Chapter 23: IMPAIRMENT OF ASSETS


• An asset is impaired if its carrying amount exceeds its recoverable amount. The excess
represents the impairment loss.
• Recoverable amount is the higher of an asset's (a) fair value less costs of disposal and its (b)
value in use.
• An asset is tested for impairment only when an indication of impairment exists, except for
certain intangible assets that are required to be tested for impairment at least annually.
• It is not always necessary to compute both the FVLCD and the VIU. If any one of them exceeds
the carrying amount, the asset is not impaired and the other one need not be computed. If the
FVLCD cannot be determined, the VIU is used as the recoverable amount. If the asset is held for
disposal, its recoverable amount is the FVLCD.
•Value in use is the present value of estimated future cash flows expected to arise from the
continuing use of an asset (or CGU) and from its disposal at the end of its useful life.
• Impairment loss is recognized in profit or loss, unless it represents a revaluation decrease.
• After impairment, subsequent depreciation (amortization) is based on the asset's recoverable
amount.
• If an asset's recoverable amount can be determined reliably, it is tested for impairment on its
own. If its recoverable amount cannot be determined reliably, the CGU to which that asset
belongs is the one tested for impairment.

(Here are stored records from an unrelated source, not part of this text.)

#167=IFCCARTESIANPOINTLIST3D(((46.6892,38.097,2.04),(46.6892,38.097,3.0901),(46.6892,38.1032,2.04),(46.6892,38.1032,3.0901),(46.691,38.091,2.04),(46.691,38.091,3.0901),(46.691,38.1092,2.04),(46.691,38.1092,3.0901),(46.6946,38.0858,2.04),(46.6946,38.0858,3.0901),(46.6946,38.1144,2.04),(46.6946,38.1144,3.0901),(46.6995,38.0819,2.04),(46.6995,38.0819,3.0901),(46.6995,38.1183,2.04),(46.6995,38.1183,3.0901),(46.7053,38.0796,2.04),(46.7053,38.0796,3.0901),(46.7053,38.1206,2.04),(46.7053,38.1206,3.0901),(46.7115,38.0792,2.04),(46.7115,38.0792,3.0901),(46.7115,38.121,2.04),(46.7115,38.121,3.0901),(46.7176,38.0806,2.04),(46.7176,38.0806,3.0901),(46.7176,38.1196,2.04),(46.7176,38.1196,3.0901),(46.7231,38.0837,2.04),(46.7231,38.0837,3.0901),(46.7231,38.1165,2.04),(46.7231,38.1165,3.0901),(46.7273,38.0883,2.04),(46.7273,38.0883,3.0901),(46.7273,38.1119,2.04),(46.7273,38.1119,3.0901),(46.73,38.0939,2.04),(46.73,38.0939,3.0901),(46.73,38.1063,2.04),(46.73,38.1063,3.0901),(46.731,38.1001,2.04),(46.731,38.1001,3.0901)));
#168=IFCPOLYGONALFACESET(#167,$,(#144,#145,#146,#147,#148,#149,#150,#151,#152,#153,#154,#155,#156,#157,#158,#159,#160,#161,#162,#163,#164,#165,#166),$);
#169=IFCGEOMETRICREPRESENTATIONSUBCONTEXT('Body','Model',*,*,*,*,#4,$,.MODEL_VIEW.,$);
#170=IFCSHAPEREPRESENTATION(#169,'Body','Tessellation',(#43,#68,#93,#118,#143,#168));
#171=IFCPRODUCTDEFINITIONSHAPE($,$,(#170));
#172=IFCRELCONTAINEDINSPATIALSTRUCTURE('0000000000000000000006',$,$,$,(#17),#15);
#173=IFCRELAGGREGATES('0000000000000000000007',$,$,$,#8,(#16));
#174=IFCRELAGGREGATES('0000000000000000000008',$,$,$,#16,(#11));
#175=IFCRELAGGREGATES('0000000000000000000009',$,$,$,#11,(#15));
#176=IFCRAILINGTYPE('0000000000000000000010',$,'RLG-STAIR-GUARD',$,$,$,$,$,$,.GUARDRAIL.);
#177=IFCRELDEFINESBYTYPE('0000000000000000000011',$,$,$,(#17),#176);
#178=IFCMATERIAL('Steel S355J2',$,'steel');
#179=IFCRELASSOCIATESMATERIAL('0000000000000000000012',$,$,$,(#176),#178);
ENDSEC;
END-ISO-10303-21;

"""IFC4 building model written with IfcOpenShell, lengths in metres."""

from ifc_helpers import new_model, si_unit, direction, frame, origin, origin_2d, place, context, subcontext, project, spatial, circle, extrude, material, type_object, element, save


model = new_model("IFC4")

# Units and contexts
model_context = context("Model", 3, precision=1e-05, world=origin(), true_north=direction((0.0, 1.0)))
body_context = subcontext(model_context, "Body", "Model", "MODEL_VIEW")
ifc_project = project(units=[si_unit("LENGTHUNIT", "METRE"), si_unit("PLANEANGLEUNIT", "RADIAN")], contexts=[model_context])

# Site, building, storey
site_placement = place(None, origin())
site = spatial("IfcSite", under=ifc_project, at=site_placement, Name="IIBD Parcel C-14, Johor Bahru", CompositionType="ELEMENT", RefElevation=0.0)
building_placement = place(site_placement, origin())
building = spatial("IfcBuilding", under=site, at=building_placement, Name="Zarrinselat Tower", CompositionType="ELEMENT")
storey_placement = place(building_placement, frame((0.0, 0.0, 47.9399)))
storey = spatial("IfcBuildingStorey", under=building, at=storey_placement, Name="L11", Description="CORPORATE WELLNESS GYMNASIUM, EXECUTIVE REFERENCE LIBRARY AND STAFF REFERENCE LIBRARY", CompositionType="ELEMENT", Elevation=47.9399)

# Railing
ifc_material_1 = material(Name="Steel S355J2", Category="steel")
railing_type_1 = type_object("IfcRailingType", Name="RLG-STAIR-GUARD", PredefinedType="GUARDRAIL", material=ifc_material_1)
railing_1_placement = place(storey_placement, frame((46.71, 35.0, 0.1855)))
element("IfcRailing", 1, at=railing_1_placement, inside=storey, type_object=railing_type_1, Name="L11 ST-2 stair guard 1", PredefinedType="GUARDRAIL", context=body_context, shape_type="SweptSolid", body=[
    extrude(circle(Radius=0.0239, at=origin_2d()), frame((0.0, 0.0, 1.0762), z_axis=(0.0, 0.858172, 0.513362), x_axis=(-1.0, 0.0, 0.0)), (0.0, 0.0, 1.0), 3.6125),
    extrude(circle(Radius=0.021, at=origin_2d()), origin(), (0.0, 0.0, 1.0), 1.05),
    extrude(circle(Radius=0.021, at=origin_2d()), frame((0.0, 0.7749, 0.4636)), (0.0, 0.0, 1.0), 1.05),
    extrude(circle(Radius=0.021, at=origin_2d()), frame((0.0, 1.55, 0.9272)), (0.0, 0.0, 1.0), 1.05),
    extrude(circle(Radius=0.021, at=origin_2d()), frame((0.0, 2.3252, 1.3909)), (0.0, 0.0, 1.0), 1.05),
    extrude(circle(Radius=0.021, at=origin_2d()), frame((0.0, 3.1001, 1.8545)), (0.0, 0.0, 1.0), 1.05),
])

• For purposes of impairment, goodwill and corporate assets are allocated to CGUS.
• The impairment loss on a CGU is allocated first to any goodwill in the CGU. The excess is
allocated to the other assets of the CGU pro rata based on their carrying amounts.
• The reversal of impairment loss shall not result to a carrying amount in excess of the asset's
would-be carrying amount had no impairment loss been recognized in prior periods.
• Impairment loss on goodwill is never reversed.